I then moved onto the 205 and it all went a bit downhill. Even on minimum setting, the volume of steam meant that I couldn't see what I was doing and even after some Surfex applied, left to dwell and then steamed I couldn't see a massive improvement to the oilier bits of the Pug's engine.

More testing needed for sure.

The kitchen floor was a different matter however. Wiped over with Surfex, dried and steamed and it's now cleaner than a clean thing and reasonably hygienic to boot - comforting with a 2 year old racing around.

It then came into its own again Monday night when said 2 year old projectile vomitted in her bed, our bed, her room, our room and so on. The odour from the steam wasn't exactly pleasant :doublesho but the carpets, bed, matress et al are now clean.
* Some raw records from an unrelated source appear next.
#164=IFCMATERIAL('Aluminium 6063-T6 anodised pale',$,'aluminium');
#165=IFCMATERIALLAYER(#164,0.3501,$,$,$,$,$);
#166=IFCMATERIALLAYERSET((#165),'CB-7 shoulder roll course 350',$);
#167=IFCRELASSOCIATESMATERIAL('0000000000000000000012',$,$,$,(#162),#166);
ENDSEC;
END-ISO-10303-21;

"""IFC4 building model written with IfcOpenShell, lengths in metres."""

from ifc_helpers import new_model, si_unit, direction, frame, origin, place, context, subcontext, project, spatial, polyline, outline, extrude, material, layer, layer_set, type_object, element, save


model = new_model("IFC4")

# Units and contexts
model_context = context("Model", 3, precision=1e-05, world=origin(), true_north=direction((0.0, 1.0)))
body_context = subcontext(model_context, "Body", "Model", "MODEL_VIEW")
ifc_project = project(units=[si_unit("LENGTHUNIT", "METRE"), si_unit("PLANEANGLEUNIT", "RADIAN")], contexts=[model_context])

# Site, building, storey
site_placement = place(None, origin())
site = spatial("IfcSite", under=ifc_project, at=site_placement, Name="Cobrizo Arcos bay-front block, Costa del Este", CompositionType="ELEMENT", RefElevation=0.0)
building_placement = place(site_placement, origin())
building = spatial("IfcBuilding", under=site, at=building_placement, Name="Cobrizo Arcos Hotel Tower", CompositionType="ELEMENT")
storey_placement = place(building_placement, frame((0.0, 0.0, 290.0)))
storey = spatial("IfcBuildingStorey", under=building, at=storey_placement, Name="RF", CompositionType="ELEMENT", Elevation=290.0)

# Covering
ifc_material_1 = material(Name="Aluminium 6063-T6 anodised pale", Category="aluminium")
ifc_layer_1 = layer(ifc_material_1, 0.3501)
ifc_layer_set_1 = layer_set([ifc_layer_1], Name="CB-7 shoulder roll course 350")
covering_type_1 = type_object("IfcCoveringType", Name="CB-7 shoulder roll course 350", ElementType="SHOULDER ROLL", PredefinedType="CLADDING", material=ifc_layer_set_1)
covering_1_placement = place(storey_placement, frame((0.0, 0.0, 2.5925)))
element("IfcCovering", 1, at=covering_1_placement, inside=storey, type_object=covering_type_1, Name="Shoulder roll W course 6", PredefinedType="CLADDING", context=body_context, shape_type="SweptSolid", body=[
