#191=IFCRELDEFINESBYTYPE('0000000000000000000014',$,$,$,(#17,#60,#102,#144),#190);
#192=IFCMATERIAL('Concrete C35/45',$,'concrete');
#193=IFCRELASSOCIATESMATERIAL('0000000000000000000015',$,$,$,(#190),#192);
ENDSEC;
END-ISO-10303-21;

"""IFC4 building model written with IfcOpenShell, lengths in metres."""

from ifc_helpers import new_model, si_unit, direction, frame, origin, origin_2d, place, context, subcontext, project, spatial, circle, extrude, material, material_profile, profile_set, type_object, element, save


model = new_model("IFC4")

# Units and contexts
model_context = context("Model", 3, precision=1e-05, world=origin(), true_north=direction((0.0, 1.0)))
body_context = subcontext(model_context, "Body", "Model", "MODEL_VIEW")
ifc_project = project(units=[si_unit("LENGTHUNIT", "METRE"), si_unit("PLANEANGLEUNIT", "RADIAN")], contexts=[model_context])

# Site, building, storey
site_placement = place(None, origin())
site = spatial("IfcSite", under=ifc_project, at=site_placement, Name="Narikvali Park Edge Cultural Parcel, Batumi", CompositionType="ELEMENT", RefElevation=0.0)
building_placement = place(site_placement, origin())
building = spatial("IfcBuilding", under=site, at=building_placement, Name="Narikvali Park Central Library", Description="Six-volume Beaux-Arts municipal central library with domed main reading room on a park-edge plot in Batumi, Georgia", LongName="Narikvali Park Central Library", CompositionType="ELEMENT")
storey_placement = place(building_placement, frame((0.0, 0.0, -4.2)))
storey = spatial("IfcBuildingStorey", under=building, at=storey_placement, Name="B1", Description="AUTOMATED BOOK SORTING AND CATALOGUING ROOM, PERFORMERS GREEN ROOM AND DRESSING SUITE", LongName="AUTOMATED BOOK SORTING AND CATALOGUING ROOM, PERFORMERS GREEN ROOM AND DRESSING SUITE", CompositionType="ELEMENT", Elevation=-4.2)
So a week on and I'd say it's a useful piece of kit but maybe not quite the revolution I'd expected. I intend to continue using it whatever as it used significantly less water when I worked on the cars than I expected and ditto the carpet cleaning (although if I'm being honest they're getting hit again this weekend with an extractor to make sure they're absolutely deep cleaned).


----------



## reign (Oct 6, 2008)

This topic is guaranteed to get me all "steamed - up".. I purchased a steamer recently, and I got to have it for a whole 8 days before it disappeared down the depths of Karl's "detailing equipment". I think the next time I'll see it will be in a write-up........:wall:

IMHO, every valeter/detailer needs one. It really helps on some of those trickier surfaces where you're not entirely sure what to use.. for instance, wax melted into plastic trims and whatnot. It's also better for the environment as there are no chemicals involved.


----------



## Johnnyopolis (Oct 25, 2005)

good little review there Andy - Thanks....

Steamer is something I think I need to try !! 

Johnny


----------



## caledonia (Sep 13, 2008)

Nice to see you have taken the plunge and got yourself a vax.
I cant comment on this machine. Best man will be Bigpikle or Alex Serious Performance as they have the same machines. I could be the lack of pressure. But as I say not my machine.
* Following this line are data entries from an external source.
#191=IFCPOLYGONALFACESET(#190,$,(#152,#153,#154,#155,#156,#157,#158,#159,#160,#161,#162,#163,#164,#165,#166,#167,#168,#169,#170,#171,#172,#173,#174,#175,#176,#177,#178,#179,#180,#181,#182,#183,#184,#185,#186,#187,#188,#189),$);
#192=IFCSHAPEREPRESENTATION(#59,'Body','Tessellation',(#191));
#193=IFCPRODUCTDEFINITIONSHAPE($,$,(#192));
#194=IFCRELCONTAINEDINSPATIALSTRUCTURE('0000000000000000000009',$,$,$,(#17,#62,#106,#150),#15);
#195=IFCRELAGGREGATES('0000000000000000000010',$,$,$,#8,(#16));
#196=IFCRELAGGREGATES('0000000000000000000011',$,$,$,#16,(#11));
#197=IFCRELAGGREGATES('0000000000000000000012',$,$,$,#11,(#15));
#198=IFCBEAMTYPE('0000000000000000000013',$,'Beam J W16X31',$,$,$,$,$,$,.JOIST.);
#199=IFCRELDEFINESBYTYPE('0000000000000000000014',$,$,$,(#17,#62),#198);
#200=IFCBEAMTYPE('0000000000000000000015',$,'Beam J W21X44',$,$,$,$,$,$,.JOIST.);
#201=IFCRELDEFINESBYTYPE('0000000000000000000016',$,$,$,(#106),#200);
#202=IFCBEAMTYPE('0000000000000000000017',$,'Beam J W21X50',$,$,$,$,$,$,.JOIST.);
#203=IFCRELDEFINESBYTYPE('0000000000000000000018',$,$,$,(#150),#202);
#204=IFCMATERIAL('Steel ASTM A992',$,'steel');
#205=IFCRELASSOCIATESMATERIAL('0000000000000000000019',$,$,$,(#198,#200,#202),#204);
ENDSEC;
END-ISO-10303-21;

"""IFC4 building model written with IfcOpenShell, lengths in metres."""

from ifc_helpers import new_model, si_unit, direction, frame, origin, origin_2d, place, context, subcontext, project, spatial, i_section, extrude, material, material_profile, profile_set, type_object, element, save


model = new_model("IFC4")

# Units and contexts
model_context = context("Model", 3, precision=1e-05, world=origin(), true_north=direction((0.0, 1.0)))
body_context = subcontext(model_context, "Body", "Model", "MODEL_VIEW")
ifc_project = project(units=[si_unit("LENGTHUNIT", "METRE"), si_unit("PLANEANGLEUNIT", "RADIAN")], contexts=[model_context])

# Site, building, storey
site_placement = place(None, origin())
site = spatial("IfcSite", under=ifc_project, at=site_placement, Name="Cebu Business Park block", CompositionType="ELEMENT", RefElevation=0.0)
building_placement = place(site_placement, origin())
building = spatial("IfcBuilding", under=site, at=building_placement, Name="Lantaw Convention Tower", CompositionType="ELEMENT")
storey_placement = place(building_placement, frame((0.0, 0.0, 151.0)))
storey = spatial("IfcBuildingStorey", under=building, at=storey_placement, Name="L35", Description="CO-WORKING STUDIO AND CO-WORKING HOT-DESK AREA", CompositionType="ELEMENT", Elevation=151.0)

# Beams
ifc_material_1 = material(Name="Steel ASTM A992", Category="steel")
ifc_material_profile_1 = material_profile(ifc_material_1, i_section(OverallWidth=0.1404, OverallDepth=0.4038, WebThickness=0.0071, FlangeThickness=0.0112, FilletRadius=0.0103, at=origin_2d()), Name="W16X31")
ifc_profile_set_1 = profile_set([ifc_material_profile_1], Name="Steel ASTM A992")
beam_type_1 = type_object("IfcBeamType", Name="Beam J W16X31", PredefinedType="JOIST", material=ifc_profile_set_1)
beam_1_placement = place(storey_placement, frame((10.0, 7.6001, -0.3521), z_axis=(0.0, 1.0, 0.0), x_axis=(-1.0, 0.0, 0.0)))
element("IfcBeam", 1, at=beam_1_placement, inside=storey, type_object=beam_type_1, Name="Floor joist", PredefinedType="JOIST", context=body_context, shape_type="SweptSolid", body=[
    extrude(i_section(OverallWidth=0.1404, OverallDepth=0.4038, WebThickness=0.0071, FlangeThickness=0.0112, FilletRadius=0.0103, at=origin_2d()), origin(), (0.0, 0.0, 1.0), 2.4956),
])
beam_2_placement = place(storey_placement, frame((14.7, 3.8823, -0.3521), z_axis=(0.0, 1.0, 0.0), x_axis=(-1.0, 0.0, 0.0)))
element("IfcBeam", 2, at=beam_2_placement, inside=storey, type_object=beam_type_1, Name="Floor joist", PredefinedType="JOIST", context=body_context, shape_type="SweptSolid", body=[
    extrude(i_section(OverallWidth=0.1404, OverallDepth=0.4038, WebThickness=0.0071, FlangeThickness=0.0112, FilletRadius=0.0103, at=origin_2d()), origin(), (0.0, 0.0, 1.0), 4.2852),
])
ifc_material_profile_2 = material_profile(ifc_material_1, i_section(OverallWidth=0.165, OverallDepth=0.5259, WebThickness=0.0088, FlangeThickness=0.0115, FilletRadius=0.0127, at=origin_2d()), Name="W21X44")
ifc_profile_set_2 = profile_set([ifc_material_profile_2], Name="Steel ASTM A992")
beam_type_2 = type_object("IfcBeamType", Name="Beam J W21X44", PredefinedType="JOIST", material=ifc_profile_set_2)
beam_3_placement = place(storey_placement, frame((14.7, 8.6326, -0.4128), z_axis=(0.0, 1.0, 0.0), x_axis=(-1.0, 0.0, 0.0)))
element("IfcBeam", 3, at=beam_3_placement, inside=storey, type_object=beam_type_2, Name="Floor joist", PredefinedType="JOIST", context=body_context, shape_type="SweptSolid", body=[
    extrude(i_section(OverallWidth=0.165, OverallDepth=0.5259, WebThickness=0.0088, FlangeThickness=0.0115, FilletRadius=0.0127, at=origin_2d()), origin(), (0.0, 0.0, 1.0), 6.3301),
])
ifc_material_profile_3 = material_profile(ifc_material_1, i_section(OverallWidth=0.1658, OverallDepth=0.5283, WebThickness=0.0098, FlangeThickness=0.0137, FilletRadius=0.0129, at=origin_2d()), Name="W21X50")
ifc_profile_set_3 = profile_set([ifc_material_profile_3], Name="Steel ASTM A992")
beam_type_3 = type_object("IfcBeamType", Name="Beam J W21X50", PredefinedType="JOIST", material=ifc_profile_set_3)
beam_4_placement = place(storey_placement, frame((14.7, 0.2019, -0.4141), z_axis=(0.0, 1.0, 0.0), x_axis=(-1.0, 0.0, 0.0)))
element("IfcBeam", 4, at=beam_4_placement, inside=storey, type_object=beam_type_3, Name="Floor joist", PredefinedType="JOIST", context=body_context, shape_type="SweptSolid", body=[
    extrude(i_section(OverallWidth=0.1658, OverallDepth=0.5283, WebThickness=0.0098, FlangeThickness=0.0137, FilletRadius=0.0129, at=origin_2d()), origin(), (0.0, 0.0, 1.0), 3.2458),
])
What I can say is the steam issues at this time is year is the biggest problem. Humidity in the atmosphere and air temperature. Make the steam very dense. Which with the warmer weather should not present you with so much of a problem.

I have not really manage to source a really dirty oily engine myself. But if this is really bad you could probably try and warm the engine slightly by running it. Not to make it hot but just take the chill of the block. Also think about a degreaser applied and worked in with a small brush on the really stubborn areas, instead of an APC. 
I found my cleaner manage to shift tar spots with just the heat contained under a MF and not chemicals. So inturn its probably down to not really see the area worked on and that the heat is getting dispersed, with block temperature and not being contained locally.

You have carried out cleaning test that I have not even managed, cleaning up after the young one. But although it was not a pleasant experience for you. Glad it work out for you.

Gordon.


----------



## mattsbmw (Jul 20, 2008)

Am interested in buying a steamer, can you recommend one, only problem is it must be cheap but up to the job.


----------



## caledonia (Sep 13, 2008)

I will not recommend a brand or make this can be down to you, there is a lot out there.

But what you are looking for, is as high a PSI or Bar you can afford. With at least a minimum of say 130 C Steam temperature. Tools are an another consideration. So make sure you get the equipment for the jobs you are going to undertake. Dont buy one for interior cleaning without a upholstery cleaner for example. Although you can still do this just makes it harder for you and more of an ordeal, rather than a pleasure.


Shop about see what spec you can get and ask away before purchasing.

High Steam pressure
Highest steam temp.
Big enough water tank, But not to big as it become to heavy to use.
And not forgetting Tools.

This is what I would be looking at prior to purchasing a cleaner from my experiences.

Gordon.


----------



## Mirror Finish Details (Aug 21, 2008)

I love steam cleaners for cars, great on upholstery and for leather. I only use steam now for interiors gets dashboards really clean. I also aim it down the vents as it is supposed to kill of bacteria that air con produces.

Used it the other day on the back of my alloys, I havent cleaned the backs for a few years so there must be over 50,000 miles worth of dust, came up a treat.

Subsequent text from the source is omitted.